I primi palloni, dopo quelli fatti di stracci che per moltissimi anni sono stati usati anche dai ragazzi della Conca, erano di gomma molto dura. Non era facile per i ragazzi avere un pallone con cui giocare. Fino agli anni ’60, con lo scarso traffico di allora, era normale vedere gruppetti di ragazzi e giovani giocare a calcio in mezzo alle strade o nelle piccole piazze, magari con palloni mezzi rotti e sgonfi. Uno dei luoghi dove i ragazzi erano soliti giocare era lo slargo davanti alla fabbrica di Facchinetti in via S. Rocco sul cui tetto spesso finiva il pallone di pezza: per fortuna c’era Alfredo Sudiero (Cavaléta) che, con molta agilità, in sata (spesso era scalzo) si arrampicava e saliva sopra al fabbricato a recuperarlo. Era il campo da calcio di via S. Roco.
Bepi Brigati (spazin comunale), quando passava con il carro carico di immondizie destinate alla discarica e trainato dal cavallo di nome Roma, abitualmente si fermava in mezzo alla strada.
Il cavallo sporcava con i suoi escrementi il campo da calcio con l’inevitabile disappunto dei ragazzi. Per loro fortuna Antonio Fanton, che abitava lì vicino, li raccoglieva per ingrassare l’orto.
I primi palloni in cuoio, molto pesanti e duri avevano una grossa fettuccia per chiudere l’apertura dove veniva introdotta la caramedaria. Se questa era stata fissata male, quando, giocando, veniva colpita di testa erano dolori. I palloni venivano usati solamente da giovani di una certa età, come pure le scarpe di cuoio con i tacchetti, mentre i ragazzi usavano scarpe di tela.
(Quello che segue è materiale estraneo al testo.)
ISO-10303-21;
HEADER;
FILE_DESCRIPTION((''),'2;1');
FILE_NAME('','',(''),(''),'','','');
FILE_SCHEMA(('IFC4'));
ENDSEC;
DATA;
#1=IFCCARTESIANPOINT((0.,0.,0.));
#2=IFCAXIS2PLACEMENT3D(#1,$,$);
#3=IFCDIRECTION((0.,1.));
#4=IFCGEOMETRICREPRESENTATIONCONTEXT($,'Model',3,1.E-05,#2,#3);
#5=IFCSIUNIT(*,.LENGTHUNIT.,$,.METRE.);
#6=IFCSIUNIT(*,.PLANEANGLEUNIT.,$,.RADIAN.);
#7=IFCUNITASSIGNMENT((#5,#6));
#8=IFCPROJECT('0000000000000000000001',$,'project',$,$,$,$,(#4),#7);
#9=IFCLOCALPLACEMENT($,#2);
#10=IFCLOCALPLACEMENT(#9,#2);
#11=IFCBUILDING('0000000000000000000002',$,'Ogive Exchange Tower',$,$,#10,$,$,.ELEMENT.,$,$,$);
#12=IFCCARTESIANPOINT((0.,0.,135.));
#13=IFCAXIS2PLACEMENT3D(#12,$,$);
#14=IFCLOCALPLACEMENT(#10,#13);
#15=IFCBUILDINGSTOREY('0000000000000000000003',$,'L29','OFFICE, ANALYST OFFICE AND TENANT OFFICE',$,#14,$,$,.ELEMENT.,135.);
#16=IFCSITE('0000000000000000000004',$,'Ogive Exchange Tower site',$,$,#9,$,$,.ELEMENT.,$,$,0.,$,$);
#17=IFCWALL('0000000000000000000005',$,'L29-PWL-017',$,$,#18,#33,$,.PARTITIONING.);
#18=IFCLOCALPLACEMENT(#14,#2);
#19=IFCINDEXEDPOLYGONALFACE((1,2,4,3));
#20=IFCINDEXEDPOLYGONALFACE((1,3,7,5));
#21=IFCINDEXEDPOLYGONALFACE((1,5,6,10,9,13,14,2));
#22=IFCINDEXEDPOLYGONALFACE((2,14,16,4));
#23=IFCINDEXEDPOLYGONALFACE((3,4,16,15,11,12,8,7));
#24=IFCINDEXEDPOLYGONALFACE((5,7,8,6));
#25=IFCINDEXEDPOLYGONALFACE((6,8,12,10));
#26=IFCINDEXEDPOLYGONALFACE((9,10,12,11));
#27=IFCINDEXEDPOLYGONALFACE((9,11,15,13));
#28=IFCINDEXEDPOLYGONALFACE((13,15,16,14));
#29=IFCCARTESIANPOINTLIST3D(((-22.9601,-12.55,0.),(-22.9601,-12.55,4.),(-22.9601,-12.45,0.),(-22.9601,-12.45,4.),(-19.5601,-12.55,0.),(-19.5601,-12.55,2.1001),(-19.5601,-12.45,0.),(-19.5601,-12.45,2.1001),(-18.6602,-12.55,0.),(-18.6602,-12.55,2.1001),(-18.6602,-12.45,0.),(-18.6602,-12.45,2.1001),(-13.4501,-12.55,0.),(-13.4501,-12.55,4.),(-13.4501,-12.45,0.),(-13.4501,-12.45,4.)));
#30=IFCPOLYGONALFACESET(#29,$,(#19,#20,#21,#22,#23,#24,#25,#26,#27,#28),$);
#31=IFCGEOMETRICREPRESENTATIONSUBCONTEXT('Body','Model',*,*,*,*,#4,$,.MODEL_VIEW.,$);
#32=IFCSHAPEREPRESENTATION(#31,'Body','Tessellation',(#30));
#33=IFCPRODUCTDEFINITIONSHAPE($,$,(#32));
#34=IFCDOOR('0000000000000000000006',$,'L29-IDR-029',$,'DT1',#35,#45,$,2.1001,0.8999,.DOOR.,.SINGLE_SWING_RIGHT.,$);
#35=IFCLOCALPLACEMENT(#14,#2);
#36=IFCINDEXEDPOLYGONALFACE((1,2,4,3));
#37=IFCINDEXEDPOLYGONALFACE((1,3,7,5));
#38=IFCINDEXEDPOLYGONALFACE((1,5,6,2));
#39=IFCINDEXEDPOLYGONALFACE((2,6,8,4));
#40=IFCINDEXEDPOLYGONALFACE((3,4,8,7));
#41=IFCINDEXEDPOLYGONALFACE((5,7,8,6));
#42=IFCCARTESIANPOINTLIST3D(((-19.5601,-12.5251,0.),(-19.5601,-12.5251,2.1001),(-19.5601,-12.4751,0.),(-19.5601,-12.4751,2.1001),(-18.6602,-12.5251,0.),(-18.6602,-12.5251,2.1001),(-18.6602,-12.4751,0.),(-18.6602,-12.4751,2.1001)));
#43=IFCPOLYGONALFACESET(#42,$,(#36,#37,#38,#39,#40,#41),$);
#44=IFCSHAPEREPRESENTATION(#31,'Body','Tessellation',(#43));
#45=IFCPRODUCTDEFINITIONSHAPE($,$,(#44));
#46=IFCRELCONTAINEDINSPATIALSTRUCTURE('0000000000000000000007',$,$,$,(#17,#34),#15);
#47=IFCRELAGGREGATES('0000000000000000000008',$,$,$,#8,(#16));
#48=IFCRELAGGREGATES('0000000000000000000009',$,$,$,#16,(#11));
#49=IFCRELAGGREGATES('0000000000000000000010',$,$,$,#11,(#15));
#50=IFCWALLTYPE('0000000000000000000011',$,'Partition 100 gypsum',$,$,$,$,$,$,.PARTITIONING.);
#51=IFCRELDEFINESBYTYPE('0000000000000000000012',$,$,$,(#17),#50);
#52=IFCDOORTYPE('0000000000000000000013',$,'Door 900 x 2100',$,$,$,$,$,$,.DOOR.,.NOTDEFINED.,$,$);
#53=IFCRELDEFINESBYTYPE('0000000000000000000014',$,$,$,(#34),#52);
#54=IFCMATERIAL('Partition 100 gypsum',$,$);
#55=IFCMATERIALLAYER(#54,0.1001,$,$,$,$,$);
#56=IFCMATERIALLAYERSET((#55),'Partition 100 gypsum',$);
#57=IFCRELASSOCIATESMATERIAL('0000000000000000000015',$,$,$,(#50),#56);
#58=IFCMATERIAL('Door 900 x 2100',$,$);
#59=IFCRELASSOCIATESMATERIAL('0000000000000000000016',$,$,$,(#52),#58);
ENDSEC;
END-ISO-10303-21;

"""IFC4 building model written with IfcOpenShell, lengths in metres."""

from ifc_helpers import new_model, si_unit, direction, frame, frame_2d, origin, place, context, subcontext, project, spatial, rectangle, extrude, material, layer, layer_set, type_object, element, fill, save


model = new_model("IFC4")

# Units and contexts
model_context = context("Model", 3, precision=1e-05, world=origin(), true_north=direction((0.0, 1.0)))
body_context = subcontext(model_context, "Body", "Model", "MODEL_VIEW")
ifc_project = project(units=[si_unit("LENGTHUNIT", "METRE"), si_unit("PLANEANGLEUNIT", "RADIAN")], contexts=[model_context])

# Site, building, storey
site_placement = place(None, origin())
site = spatial("IfcSite", under=ifc_project, at=site_placement, Name="Ogive Exchange Tower site", CompositionType="ELEMENT", RefElevation=0.0)
building_placement = place(site_placement, origin())
building = spatial("IfcBuilding", under=site, at=building_placement, Name="Ogive Exchange Tower", CompositionType="ELEMENT")
storey_placement = place(building_placement, frame((0.0, 0.0, 135.0)))
storey = spatial("IfcBuildingStorey", under=building, at=storey_placement, Name="L29", Description="OFFICE, ANALYST OFFICE AND TENANT OFFICE", CompositionType="ELEMENT", Elevation=135.0)

# Shared definitions
ifc_material_1 = material(Name="Partition 100 gypsum")
ifc_layer_1 = layer(ifc_material_1, 0.1001)
ifc_layer_set_1 = layer_set([ifc_layer_1], Name="Partition 100 gypsum")
wall_type_1 = type_object("IfcWallType", Name="Partition 100 gypsum", PredefinedType="PARTITIONING", material=ifc_layer_set_1)

# Wall, opening, door
wall_1_placement = place(storey_placement, frame((-22.96, -12.5, 0.0), z_axis=(0.0, 0.0, 1.0), x_axis=(1.0, 0.0, 0.0)))
wall_1 = element("IfcWall", 1, at=wall_1_placement, inside=storey, type_object=wall_type_1, Name="L29-PWL-017", PredefinedType="PARTITIONING", context=body_context, shape_type="SweptSolid", body=[
    extrude(rectangle(XDim=9.51, YDim=0.1001, at=frame_2d((4.7549, 0.0))), origin(), (0.0, 0.0, 1.0), 4.0),
])
opening_1_placement = place(wall_1_placement, frame((3.3999, 0.0, 0.0)))
opening_1 = element("IfcOpeningElement", 2, at=opening_1_placement, cuts=wall_1, PredefinedType="OPENING", context=body_context, shape_type="SweptSolid", body=[
    extrude(rectangle(XDim=0.8999, YDim=2.1001, at=frame_2d((0.45, 1.05))), frame((0.0, 0.0601, 0.0), z_axis=(0.0, -1.0, 0.0), x_axis=(1.0, 0.0, 0.0)), (0.0, 0.0, 1.0), 0.1201),
])
ifc_material_2 = material(Name="Door 900 x 2100")
door_type_1 = type_object("IfcDoorType", Name="Door 900 x 2100", OperationType="NOTDEFINED", PredefinedType="DOOR", material=ifc_material_2)
door_1_placement = place(opening_1_placement, origin())
door_1 = element("IfcDoor", 3, at=door_1_placement, inside=storey, type_object=door_type_1, Name="L29-IDR-029", ObjectType="DT1", OperationType="SINGLE_SWING_RIGHT", OverallHeight=2.1001, OverallWidth=0.8999, PredefinedType="DOOR", context=body_context, shape_type="SweptSolid", body=[
    extrude(rectangle(XDim=0.8999, YDim=2.1001, at=frame_2d((0.45, 1.05))), frame((0.0, 0.0249, 0.0), z_axis=(0.0, -1.0, 0.0), x_axis=(1.0, 0.0, 0.0)), (0.0, 0.0, 1.0), 0.05),
])
fill(opening_1, door_1)

save(model, "model.ifc")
In Conca c’era la possibilità di giocare a calcio solo nel cortile del Patronato, il cui terreno era cosparso di sassi, aveva pochissima erba e i muri molto vicini alle porte. Fino agli anni ’50 era l’unica struttura del quartiere e per le partite ufficiali si usufruiva dello Stadio Comunale Miotto. Dal 1961, con la costruzione del nuovo campo da calcio, anche in Conca ci fu un notevole sviluppo di questo sport.
Negli anni ’60 molti ragazzi si ritrovavano tutti i giorni nel cortile del ricreatorio e giocavano interminabili partitelle di calcio senza numero fisso di giocatori: questi entravano ed uscivano a seconda di quando arrivavano. Le porte da calcio erano state tolte e quindi era stata studiata una variante: con il pallone dovevano colpire i pali di sostegno, in cemento, dei tabelloni del campo da pallacanestro che fino a metà degli anni ’50 era in terra battuta ed in seguito asfaltato: quando qualcuno cadeva erano guai. Sul muro lì vicino c’era una fontanella per dissetarsi e per risciacquare le sbrojade (escoriazioni) ai gomiti ed alle ginocchia che erano all’ordine del giorno, come pure i calci alle caviglie.